Pólya’s urn. Urn has 1 red and 1 blue ball; after each draw, put the ball back plus one more of the same colour. Each draw shifts the probabilities for future draws. Not independent, p not constant — not Bernoulli.

The success/failure structure is necessary but not sufficient. All three conditions matter.

5.8 Why this distinction matters in ML

You’ll meet this constantly:

Logistic regression assumes each label y_i \in \{0, 1\} is conditionally Bernoulli given features x_i — but p_i varies with x_i. So labels are independent Bernoullis with different p — not a single Bernoulli process. Statisticians call this Bernoulli with covariates.
Bandit problems are usually modelled as IID Bernoulli rewards per arm. Independence is the key assumption that makes the standard regret bounds work.
Time-series binary data (clicks, defects per minute) typically violate independence and need Markov or autoregressive models.

Knowing whether your data satisfies all three conditions tells you which tools you can use and which will give you wrong answers.

5.9 Key Insight

Each 1 in a Bernoulli stream is one event — one threshold crossing, one absorbed photon, one positive classification. On its own, a single trial tells you almost nothing. What you actually care about is the count of successes over many trials: how many transients in a 1-second window, how many electrons from a 10 ms exposure, how many positive predictions in a batch.
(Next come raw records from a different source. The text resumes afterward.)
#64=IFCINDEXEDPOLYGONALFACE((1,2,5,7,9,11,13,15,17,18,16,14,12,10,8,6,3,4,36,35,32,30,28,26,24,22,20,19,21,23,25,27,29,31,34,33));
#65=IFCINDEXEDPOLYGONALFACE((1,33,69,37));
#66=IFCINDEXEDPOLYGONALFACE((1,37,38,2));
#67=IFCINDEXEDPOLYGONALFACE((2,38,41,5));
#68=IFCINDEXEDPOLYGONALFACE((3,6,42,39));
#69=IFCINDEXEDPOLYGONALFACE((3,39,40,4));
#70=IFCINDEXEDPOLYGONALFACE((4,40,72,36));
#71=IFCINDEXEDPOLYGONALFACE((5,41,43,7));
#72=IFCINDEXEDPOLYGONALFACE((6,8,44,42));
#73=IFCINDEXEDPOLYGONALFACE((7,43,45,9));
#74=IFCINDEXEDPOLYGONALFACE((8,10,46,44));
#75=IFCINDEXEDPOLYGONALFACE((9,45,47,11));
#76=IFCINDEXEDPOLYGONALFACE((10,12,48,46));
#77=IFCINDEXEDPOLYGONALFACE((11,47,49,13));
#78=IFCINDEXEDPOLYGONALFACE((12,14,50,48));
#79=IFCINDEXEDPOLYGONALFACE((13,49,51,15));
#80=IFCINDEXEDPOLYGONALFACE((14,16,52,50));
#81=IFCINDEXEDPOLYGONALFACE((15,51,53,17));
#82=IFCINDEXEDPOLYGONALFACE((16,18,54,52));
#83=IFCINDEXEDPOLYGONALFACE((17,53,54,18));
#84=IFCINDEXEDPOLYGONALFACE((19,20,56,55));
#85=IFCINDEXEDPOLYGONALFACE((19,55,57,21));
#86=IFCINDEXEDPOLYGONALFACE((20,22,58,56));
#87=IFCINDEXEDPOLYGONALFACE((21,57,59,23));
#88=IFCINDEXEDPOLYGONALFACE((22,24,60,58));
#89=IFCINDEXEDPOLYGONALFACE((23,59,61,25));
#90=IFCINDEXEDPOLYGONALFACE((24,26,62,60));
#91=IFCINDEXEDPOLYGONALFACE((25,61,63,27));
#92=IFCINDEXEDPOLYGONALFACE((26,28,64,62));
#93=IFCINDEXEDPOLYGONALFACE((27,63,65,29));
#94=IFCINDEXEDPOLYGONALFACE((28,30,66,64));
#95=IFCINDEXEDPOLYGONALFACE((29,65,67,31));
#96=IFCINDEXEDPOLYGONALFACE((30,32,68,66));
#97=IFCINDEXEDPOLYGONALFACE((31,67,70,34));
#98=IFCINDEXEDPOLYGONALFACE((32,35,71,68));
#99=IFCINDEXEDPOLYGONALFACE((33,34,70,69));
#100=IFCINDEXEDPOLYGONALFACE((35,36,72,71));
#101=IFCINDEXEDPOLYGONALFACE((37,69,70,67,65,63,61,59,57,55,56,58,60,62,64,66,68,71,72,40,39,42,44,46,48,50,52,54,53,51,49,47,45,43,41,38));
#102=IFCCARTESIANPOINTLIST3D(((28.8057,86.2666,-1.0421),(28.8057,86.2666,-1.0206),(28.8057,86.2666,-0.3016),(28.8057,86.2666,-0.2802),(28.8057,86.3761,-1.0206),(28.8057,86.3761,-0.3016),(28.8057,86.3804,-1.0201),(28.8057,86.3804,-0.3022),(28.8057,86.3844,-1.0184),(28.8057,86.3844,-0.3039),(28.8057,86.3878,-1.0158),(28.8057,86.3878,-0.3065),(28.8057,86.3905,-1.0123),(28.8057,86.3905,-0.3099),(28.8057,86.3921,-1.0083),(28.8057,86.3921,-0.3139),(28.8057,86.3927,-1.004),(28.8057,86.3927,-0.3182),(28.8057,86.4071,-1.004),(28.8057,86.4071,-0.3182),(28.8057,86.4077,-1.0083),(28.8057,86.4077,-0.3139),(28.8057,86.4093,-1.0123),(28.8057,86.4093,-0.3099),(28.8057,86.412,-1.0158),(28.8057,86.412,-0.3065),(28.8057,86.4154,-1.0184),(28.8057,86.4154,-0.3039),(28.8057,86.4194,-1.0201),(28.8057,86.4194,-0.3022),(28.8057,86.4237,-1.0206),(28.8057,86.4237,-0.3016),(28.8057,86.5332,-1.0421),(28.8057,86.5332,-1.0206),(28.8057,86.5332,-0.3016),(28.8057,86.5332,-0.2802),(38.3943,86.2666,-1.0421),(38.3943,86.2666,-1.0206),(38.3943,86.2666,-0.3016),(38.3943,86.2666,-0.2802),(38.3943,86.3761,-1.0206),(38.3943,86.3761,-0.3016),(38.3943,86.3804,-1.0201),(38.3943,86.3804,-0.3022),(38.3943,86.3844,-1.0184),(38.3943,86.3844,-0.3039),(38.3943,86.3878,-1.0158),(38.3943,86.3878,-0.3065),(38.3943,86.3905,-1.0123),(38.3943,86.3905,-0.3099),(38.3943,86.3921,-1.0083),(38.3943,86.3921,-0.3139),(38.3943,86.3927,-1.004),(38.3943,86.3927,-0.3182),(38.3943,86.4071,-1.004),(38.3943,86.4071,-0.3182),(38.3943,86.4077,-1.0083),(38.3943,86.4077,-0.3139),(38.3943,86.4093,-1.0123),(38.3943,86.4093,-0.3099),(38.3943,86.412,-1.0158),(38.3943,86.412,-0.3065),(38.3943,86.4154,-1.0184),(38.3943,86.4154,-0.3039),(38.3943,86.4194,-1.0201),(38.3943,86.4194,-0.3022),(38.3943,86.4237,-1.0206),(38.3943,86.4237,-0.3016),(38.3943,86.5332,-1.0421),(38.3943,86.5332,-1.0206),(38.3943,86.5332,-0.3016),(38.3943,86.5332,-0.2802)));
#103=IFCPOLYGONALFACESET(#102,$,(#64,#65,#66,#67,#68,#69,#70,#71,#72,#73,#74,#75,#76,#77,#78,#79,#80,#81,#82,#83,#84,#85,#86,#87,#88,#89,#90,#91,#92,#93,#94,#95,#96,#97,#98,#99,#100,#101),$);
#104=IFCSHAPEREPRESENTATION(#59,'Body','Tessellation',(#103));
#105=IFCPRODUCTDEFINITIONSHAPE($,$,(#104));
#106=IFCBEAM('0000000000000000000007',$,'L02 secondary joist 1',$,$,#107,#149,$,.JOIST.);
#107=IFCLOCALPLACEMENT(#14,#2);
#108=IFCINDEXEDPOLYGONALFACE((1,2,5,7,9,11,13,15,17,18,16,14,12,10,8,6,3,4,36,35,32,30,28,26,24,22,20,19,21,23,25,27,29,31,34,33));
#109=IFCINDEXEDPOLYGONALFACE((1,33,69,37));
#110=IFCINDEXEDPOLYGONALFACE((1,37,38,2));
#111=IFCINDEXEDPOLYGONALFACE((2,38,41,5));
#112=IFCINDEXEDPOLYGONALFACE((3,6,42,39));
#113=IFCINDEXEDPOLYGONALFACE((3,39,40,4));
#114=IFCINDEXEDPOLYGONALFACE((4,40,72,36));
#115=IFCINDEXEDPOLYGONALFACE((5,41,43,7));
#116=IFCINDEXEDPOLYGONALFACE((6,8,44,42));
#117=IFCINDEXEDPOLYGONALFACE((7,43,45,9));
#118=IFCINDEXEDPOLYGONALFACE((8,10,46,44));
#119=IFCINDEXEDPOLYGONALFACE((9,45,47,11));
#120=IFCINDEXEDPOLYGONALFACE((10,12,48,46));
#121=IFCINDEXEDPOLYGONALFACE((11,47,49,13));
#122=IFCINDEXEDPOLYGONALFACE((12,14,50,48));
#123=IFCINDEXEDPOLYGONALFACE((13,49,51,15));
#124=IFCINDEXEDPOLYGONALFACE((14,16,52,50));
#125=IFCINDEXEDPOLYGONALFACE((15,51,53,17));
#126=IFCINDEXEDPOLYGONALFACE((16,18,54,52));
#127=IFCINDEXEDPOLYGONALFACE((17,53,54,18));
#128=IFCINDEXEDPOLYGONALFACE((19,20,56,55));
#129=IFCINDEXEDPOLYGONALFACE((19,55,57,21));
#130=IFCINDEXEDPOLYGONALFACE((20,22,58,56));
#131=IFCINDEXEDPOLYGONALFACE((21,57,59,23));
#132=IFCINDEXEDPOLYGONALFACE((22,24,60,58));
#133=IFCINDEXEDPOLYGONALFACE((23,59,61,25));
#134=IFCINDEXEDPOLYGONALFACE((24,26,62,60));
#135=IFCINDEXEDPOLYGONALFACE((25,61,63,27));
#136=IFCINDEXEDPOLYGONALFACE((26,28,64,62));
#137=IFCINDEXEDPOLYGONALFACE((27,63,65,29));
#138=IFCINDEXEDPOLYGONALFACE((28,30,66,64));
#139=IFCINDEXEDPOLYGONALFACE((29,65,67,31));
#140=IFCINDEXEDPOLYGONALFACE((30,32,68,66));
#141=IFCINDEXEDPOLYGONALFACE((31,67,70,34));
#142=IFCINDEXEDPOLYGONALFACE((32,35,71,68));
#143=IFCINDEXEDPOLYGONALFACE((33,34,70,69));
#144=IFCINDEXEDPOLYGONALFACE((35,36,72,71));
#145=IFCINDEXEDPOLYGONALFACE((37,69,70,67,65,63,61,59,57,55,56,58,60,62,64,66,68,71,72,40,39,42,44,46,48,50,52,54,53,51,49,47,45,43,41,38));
Counting Bernoulli successes is exactly what the Binomial distribution does — and that’s the next chapter.

5.10 Exercises

Variance check. Simulate N = 100{,}000 Bernoulli trials at each of p \in \{0.1, 0.3, 0.5, 0.7, 0.9\}. For each, compute the sample variance of the trial outcomes and compare to the theoretical p(1-p). Plot both as a function of p.
Convergence rate. For p = 0.5, generate Bernoulli trials and plot how the gap between the running fraction and p shrinks with n. Use a log–log axis. The slope should be roughly -1/2 (you’re seeing the 1/\sqrt{n} rule that the CLT will explain formally later).
Spot the non-Bernoulli. For each scenario below, identify which of the three Bernoulli conditions fails:
1. Asking 5 friends in a row whether they’ll come to a party.
2. Drawing 5 marbles from a bag of 10 red and 10 blue, no replacement.
3. Whether a server is up at one-minute intervals throughout the day.
4. Logging whether each photo in a face-detection benchmark is correctly classified.